The closure issue

[jeanluct]

The function braid.closure closes a braid, by default using the most direct method (no new crossings in projection), but also by minimizing L^2. Are these the best choices? Why not, say, the lowest entropy?

Maybe find some cases where we have a target entropy, that is, we can generate a very long braid so we can compute the entropy, but we'd like to estimate the entropy from a subset of that. (Use Duffing in the chaotic sea?).

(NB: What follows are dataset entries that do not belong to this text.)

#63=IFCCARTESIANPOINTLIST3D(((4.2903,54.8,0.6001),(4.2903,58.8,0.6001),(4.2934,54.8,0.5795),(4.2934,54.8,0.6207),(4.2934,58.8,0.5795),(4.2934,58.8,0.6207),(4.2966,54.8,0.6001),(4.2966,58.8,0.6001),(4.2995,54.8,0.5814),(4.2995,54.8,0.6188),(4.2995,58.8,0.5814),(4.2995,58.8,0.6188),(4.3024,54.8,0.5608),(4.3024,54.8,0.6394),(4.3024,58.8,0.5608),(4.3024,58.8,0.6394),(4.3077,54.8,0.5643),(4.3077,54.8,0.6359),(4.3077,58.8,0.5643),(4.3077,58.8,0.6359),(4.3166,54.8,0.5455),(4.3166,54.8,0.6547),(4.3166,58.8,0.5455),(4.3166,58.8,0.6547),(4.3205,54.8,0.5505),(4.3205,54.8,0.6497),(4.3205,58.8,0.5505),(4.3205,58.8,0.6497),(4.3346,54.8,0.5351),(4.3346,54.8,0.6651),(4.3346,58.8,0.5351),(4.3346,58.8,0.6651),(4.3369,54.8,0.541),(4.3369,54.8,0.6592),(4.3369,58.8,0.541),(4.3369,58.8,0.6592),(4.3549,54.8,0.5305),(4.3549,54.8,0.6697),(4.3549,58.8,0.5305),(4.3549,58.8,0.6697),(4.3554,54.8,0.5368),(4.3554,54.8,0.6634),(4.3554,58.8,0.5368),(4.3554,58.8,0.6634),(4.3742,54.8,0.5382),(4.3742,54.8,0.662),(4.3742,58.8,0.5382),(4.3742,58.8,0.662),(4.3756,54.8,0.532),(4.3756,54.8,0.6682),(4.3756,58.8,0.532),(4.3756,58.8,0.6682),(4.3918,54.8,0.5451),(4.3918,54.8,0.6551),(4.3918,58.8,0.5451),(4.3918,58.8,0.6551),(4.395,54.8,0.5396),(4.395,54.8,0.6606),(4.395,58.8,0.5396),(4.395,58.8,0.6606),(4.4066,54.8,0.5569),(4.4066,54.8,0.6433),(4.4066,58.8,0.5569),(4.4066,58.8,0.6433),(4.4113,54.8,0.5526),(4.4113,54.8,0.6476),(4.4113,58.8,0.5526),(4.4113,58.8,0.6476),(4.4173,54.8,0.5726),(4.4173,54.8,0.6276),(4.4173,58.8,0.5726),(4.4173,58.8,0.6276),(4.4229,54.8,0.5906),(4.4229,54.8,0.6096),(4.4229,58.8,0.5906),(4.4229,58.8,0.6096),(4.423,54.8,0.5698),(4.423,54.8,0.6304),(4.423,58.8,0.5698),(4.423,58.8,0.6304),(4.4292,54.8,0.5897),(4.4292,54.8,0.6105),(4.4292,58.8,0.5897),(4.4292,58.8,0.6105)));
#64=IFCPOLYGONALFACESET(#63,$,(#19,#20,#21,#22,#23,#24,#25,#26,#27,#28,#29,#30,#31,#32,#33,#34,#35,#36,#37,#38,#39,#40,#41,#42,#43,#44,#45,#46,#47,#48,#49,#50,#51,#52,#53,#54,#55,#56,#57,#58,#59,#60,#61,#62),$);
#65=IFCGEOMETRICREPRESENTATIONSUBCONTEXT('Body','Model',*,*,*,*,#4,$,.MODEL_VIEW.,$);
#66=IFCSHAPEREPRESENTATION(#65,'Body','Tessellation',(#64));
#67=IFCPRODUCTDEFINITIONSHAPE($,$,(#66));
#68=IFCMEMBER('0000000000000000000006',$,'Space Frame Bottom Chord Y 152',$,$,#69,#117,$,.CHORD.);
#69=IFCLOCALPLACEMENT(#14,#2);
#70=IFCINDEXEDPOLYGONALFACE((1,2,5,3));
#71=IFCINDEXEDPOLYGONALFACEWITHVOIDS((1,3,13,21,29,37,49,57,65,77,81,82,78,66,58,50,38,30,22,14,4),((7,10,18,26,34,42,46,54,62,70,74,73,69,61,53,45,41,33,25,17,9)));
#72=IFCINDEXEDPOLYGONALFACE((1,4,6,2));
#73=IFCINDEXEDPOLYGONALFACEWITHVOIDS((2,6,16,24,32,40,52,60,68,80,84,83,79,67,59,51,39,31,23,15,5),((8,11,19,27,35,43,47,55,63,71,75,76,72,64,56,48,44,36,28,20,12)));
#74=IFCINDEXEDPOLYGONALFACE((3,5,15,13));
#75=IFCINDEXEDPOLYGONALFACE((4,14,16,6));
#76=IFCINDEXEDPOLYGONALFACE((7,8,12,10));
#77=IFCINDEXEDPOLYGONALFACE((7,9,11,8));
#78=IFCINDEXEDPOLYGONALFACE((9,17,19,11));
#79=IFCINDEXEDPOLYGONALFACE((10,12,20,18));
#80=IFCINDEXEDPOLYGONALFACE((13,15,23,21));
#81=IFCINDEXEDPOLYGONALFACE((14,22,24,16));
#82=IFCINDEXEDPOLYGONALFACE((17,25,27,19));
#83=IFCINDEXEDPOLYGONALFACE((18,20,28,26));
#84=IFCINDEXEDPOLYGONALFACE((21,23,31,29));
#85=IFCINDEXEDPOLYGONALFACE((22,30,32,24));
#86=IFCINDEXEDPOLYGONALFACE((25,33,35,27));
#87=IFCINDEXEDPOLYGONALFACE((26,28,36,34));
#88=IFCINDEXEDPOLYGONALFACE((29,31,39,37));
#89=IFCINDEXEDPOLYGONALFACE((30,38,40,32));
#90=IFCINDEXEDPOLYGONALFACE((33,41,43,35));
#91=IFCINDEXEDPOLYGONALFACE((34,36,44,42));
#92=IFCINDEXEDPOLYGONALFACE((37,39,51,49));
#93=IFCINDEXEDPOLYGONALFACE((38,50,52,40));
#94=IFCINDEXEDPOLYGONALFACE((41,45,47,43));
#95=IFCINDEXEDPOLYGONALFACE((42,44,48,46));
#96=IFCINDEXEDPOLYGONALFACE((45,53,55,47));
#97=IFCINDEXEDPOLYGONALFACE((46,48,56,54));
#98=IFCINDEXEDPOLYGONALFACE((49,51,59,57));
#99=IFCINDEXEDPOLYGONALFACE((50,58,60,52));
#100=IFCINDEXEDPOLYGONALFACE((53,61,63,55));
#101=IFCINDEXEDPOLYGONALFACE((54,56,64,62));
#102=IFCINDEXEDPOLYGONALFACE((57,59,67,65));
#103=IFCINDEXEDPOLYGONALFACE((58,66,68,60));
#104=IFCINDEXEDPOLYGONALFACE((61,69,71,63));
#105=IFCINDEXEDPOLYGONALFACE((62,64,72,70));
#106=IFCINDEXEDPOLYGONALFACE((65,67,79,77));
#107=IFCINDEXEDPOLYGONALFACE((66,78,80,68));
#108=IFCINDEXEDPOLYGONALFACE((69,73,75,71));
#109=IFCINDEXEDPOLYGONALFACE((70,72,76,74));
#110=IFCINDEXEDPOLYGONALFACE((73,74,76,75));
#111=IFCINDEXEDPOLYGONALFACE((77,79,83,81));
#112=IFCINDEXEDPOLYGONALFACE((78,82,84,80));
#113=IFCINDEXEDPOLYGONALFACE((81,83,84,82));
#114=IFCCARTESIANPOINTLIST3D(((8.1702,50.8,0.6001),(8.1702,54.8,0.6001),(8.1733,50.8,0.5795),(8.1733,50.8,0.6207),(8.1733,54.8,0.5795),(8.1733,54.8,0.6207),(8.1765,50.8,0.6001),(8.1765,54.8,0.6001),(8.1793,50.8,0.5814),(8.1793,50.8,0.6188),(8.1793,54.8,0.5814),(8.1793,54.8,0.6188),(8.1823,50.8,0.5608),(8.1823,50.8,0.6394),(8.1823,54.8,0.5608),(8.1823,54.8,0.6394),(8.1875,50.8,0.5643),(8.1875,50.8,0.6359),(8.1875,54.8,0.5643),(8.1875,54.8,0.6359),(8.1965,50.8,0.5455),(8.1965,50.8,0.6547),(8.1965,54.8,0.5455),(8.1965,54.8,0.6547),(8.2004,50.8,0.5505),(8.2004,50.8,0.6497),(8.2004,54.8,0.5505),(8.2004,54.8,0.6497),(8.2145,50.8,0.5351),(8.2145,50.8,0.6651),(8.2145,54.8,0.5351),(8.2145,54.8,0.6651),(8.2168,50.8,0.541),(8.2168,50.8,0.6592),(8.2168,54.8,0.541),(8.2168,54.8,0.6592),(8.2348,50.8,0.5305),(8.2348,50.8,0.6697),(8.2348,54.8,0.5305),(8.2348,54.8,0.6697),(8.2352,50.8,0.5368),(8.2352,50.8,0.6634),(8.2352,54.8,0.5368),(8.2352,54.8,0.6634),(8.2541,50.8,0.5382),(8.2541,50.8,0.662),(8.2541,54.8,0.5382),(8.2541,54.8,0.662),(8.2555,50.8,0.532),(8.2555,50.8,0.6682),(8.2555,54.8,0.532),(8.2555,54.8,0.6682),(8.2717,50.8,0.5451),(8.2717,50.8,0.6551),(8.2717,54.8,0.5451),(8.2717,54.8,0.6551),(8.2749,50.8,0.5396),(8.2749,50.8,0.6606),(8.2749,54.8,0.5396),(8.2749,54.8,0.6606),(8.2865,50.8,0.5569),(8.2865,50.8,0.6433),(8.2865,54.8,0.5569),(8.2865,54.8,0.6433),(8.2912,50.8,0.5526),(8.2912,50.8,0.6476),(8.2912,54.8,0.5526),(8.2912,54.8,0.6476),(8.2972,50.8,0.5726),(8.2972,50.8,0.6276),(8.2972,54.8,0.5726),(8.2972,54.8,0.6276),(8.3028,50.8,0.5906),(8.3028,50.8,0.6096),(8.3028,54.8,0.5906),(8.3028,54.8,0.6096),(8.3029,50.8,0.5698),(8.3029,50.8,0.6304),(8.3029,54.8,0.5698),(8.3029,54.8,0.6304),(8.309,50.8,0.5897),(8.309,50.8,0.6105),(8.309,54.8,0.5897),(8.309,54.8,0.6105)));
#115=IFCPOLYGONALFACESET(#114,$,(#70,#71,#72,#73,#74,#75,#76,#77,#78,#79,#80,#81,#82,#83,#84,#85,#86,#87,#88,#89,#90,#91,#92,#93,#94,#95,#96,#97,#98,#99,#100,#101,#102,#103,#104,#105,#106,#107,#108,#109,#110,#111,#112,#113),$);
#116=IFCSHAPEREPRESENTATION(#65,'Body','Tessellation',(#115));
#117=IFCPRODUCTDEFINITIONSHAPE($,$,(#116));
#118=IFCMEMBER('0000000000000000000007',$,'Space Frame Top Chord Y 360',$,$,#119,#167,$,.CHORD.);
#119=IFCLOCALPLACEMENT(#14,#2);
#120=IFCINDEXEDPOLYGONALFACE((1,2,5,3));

How do we avoid the (n!) scaling of such methods?

[jeanluct]

See this test.

[jeanluct]

This is the output of closure_tests for n=6 punctures. Basically it tries all n! ways of closing the braid and computes the entropy. It's comforting that mindist ends up at the low end of the range, and that Xproj and Yproj are fairly close to each other. The spread in entropy is fairly large, probably because the braid is not that long.

[jeanluct]

I think it's best to close and put this issue on hold for now. We've been downplaying "iterative" approaches when dealing with an open braid, rightfully so.

[mbudisic]

I don't understand the second paragraph of your original comment, with target entropy and taking a subset of a very long braid. Are you assuming you have a very long exactly closed braid, but if you take a truncation of it, it is a (shorter) open braid. Then you are trying to close that short, open braid, such that the entropy estimate matches the large (closed) braid?

[jeanluct]

I was calling a target entropy an entropy that we were confident in, and then we try to reproduce it by closing shorter braids. You can call that part of the original comment obsolete, though, I think.

[mbudisic]

OK, then I get everything else. I do think, however, that matter of closing might be too system-specific to give an across the board answer though, just going by that discussion about circular orbits.

[jeanluct]

Yes. But if you have no choice then the figure above suggests mindist is the better way to go.